A few months ago, when I was in the car with the radio on, callers shared vivid memories from the Sydney Olympics. It was the 23rd anniversary of the Opening Ceremony, a day I’ll never forget.

“Wouldn’t it be great if we had bottled that feeling and could sprinkle it over Sydney today,” the host said.

As employee number 52, I started in the strategy team five years out from the games. It was my dream job, but I’d never been to an Olympic Games before – let alone organized one. And I wasn’t alone.

With true Aussie spirit, we developed the strategy, plans and built a workforce that would peak at more than 150,000 people, with nearly one-third of them volunteers.

At the closing ceremony, Sydney was declared the “best Olympic Games ever” and we achieved many firsts. We were the first city to integrate the Olympic and the Paralympic Games as one big event, which is something we’re extremely proud of. After the Games, the International Olympic Committee acquired our plans and playbooks for future cities to use. Another first.

So how did a team of mostly Olympic rookies achieve that? It turns out, we embodied many qualities of the extraordinary organizations I follow today:

– A clear and compelling purpose

– Strong, authentic and inclusive leadership helped us navigate new and challenging terrain

– Autonomy, collaboration and team spirit turbocharged our energy

Our amazing CEO, Sandy Hollway, created an environment where people felt part of something special.

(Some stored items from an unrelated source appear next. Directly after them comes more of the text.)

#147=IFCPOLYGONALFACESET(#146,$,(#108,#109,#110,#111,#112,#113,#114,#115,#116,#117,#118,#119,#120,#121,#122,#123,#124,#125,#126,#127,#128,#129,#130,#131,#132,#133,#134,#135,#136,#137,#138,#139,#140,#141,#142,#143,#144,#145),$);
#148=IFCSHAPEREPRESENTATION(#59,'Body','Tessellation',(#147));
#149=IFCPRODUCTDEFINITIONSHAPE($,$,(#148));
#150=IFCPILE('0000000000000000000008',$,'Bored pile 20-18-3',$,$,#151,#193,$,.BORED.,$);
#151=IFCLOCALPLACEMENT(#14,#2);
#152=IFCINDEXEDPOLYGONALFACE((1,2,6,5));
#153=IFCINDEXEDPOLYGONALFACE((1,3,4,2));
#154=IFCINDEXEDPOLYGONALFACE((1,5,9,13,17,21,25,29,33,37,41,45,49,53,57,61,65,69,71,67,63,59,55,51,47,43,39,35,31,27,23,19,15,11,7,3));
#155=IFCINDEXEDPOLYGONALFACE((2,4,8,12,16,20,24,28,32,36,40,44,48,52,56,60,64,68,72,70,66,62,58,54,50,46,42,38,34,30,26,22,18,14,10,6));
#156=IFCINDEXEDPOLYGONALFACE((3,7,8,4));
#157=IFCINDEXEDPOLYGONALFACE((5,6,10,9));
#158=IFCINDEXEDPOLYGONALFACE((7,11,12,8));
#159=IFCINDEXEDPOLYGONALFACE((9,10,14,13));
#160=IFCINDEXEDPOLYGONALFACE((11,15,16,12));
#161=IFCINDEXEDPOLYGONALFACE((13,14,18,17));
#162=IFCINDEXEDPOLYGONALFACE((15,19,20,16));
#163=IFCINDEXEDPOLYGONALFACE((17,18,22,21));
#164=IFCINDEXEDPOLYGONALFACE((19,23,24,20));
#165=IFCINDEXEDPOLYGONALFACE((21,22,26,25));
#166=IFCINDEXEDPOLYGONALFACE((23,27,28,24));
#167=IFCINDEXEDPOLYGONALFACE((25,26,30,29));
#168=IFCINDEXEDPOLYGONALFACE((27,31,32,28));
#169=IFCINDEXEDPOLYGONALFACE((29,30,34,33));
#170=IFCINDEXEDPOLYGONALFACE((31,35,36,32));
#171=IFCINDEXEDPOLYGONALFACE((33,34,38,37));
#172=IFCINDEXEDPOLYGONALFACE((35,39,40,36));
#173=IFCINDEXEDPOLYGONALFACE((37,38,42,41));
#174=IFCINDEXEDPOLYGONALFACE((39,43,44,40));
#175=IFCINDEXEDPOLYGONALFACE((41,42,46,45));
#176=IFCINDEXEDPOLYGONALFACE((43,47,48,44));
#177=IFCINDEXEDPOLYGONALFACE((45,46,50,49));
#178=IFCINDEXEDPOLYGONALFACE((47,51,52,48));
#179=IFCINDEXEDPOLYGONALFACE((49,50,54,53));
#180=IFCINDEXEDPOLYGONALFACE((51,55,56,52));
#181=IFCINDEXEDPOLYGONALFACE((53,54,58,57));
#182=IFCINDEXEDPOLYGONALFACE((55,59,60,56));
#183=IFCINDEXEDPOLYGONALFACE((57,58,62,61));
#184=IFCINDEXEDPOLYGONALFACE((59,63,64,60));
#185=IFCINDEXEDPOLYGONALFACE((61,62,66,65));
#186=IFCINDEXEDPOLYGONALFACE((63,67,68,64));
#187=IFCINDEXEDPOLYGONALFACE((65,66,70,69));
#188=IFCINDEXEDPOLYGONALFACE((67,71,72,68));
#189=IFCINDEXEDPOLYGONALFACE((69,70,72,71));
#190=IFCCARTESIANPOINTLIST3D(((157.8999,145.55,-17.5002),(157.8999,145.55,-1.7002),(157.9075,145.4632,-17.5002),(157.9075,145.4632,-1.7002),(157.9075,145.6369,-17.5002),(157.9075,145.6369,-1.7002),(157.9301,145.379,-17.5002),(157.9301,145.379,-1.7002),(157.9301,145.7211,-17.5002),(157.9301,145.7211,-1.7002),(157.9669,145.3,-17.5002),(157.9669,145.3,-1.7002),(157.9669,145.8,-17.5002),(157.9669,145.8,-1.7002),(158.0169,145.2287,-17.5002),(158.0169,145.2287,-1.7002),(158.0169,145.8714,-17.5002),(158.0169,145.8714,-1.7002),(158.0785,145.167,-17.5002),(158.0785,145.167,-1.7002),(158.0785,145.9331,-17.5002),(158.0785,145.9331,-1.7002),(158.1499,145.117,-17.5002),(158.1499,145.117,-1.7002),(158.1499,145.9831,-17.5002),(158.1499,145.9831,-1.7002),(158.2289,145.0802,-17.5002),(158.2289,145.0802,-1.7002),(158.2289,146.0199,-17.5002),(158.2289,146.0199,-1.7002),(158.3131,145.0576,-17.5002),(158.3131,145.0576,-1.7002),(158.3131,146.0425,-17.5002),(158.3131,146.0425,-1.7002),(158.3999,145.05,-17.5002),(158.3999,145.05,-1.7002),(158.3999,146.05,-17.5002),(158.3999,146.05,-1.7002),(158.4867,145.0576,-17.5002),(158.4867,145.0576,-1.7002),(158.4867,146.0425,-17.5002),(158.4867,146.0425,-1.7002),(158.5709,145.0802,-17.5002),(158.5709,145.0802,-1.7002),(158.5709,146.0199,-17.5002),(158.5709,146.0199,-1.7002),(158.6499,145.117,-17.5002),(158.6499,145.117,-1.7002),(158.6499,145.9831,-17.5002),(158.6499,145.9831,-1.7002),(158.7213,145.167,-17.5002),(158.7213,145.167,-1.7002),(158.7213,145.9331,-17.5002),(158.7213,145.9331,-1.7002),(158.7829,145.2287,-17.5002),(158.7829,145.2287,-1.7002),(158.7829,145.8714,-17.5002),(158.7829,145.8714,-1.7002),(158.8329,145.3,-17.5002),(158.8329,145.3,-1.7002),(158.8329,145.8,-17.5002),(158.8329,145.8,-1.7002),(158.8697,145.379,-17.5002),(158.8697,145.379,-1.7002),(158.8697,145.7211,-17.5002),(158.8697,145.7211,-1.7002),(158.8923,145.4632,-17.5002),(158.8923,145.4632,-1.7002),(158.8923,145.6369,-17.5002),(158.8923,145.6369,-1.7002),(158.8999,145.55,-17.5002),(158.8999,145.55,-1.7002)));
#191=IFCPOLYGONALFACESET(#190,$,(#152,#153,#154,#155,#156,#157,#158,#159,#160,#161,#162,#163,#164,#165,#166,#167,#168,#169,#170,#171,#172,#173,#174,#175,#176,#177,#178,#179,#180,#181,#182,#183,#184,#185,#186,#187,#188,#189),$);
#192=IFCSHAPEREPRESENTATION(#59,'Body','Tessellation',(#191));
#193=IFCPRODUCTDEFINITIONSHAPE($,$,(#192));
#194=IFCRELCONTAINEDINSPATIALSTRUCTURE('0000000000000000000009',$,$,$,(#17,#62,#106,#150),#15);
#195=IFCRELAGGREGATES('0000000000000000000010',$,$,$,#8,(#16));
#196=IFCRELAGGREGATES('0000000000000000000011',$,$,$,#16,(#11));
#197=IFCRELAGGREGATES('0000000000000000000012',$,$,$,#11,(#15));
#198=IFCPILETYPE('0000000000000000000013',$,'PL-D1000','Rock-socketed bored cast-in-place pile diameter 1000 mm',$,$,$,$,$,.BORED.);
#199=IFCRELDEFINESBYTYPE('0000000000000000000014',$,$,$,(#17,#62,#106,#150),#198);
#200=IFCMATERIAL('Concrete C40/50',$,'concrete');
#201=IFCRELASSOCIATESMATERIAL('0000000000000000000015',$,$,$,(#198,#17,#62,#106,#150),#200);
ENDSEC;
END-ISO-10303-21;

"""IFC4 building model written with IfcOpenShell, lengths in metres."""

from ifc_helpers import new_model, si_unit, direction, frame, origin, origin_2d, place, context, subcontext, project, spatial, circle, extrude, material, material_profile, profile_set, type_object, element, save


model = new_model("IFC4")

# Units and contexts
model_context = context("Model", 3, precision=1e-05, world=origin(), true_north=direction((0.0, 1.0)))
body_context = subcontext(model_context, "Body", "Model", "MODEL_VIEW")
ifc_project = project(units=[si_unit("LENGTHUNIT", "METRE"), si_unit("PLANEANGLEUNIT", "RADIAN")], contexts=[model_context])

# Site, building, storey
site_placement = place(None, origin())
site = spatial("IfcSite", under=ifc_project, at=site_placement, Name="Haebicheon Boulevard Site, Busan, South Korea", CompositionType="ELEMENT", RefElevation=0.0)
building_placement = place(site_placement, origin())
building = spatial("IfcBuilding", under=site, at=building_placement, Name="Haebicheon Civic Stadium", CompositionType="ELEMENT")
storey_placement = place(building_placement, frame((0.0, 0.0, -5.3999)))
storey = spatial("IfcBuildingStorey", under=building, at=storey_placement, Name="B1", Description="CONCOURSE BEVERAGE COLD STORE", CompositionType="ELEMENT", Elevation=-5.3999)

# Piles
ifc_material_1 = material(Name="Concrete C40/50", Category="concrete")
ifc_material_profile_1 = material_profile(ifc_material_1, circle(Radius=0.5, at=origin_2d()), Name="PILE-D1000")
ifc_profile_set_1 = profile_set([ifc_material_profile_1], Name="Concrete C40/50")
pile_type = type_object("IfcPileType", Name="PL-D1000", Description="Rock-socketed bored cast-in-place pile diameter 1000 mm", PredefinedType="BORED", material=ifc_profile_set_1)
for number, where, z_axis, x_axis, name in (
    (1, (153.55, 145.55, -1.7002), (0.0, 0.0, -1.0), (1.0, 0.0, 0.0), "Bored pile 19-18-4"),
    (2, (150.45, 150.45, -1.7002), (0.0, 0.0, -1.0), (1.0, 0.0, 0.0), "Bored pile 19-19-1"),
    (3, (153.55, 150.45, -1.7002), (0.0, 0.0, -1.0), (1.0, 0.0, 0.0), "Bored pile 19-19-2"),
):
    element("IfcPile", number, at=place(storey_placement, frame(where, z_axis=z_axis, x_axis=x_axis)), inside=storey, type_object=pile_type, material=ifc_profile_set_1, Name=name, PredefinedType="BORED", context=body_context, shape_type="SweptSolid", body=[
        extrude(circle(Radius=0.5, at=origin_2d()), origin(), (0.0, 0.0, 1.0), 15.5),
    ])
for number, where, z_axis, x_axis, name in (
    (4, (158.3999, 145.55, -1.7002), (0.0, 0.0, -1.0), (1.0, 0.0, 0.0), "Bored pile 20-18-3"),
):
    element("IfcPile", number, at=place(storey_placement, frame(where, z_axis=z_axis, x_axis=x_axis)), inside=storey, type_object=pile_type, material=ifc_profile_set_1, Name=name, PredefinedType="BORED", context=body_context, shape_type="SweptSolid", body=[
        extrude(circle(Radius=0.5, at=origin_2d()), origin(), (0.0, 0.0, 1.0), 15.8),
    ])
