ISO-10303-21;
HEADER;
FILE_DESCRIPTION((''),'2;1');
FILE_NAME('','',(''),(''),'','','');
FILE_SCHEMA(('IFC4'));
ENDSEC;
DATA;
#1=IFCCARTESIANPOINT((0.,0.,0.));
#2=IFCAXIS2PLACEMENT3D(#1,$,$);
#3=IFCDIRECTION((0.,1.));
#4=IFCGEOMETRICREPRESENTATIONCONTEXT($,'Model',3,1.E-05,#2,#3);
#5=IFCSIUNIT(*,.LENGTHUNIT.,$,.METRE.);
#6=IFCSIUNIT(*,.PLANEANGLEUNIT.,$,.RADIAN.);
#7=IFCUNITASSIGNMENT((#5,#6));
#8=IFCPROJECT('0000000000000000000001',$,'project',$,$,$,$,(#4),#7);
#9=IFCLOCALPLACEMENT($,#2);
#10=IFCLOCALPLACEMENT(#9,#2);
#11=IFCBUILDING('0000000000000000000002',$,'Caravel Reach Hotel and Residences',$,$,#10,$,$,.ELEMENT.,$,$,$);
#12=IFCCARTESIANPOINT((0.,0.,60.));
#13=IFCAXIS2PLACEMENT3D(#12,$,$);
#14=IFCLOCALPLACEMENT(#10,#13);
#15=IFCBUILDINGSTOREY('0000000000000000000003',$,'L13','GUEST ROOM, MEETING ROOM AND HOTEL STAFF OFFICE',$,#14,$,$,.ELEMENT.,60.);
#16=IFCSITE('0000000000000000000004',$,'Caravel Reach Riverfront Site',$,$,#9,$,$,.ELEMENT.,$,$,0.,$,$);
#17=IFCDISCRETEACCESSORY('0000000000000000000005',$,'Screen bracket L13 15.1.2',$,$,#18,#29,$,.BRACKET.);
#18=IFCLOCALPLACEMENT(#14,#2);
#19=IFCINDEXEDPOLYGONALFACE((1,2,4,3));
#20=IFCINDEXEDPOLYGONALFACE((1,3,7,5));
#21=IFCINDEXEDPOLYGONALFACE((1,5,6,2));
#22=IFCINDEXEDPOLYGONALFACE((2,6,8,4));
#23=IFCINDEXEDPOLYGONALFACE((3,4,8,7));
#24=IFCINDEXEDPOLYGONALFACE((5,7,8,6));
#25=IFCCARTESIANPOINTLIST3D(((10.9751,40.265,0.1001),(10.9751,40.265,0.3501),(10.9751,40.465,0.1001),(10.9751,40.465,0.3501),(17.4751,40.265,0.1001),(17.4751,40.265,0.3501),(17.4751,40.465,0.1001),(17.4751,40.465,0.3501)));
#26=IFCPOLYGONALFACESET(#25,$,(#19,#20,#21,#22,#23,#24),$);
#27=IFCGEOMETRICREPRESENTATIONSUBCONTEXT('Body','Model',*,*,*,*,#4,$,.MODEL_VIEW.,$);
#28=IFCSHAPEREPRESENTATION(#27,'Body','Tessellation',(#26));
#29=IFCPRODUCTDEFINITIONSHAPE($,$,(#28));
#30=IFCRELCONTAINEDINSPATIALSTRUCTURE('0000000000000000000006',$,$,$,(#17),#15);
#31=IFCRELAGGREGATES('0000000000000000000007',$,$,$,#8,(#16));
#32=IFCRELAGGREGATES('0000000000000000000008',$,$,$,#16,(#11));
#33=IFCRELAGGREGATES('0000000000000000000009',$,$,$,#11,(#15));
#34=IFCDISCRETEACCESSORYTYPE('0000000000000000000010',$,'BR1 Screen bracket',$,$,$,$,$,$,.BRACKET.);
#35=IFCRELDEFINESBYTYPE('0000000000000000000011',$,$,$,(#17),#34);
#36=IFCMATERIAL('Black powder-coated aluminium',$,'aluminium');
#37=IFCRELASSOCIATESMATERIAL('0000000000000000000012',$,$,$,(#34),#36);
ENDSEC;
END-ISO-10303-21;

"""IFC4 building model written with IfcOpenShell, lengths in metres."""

from ifc_helpers import new_model, si_unit, direction, frame, origin, origin_2d, place, context, subcontext, project, spatial, rectangle, extrude, material, type_object, element, save


model = new_model("IFC4")

# Units and contexts
model_context = context("Model", 3, precision=1e-05, world=origin(), true_north=direction((0.0, 1.0)))
body_context = subcontext(model_context, "Body", "Model", "MODEL_VIEW")
ifc_project = project(units=[si_unit("LENGTHUNIT", "METRE"), si_unit("PLANEANGLEUNIT", "RADIAN")], contexts=[model_context])

# Site, building, storey
site_placement = place(None, origin())
site = spatial("IfcSite", under=ifc_project, at=site_placement, Name="Caravel Reach Riverfront Site", CompositionType="ELEMENT", RefElevation=0.0)
building_placement = place(site_placement, origin())
building = spatial("IfcBuilding", under=site, at=building_placement, Name="Caravel Reach Hotel and Residences", CompositionType="ELEMENT")
storey_placement = place(building_placement, frame((0.0, 0.0, 60.0)))
storey = spatial("IfcBuildingStorey", under=building, at=storey_placement, Name="L13", Description="GUEST ROOM, MEETING ROOM AND HOTEL STAFF OFFICE", CompositionType="ELEMENT", Elevation=60.0)

# Discrete accessory
ifc_material_1 = material(Name="Black powder-coated aluminium", Category="aluminium")
discrete_accessory_type = type_object("IfcDiscreteAccessoryType", Name="BR1 Screen bracket", PredefinedType="BRACKET", material=ifc_material_1)
for number, where, z_axis, x_axis, name in (
    (1, (14.2251, 40.365, 0.1001), (0.0, 0.0, 1.0), (-1.0, 0.0, 0.0), "Screen bracket L13 15.1.2"),
):
    element("IfcDiscreteAccessory", number, at=place(storey_placement, frame(where, z_axis=z_axis, x_axis=x_axis)), inside=storey, type_object=discrete_accessory_type, Name=name, PredefinedType="BRACKET", context=body_context, shape_type="SweptSolid", body=[
        extrude(rectangle(XDim=6.5, YDim=0.2, at=origin_2d()), origin(), (0.0, 0.0, 1.0), 0.25),
    ])

save(model, "model.ifc")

No matter who you were or what role you played, he made you feel like you mattered.

As one of my former colleagues said, “I’ve not experienced a team like it since and sadly, it makes it more obvious when you are working somewhere that is not getting it right.”

Decades after the Sydney Olympics, why are so few organizations working this way? Today’s leaders aren’t inherently ‘bad’, they’re simply the products of traditional methods of organizing people and work.

Barriers to Best Work

In an age where ‘business as usual’ no longer exists, leaders are under pressure to bring out the best in their people, while also navigating changes and challenges from every direction.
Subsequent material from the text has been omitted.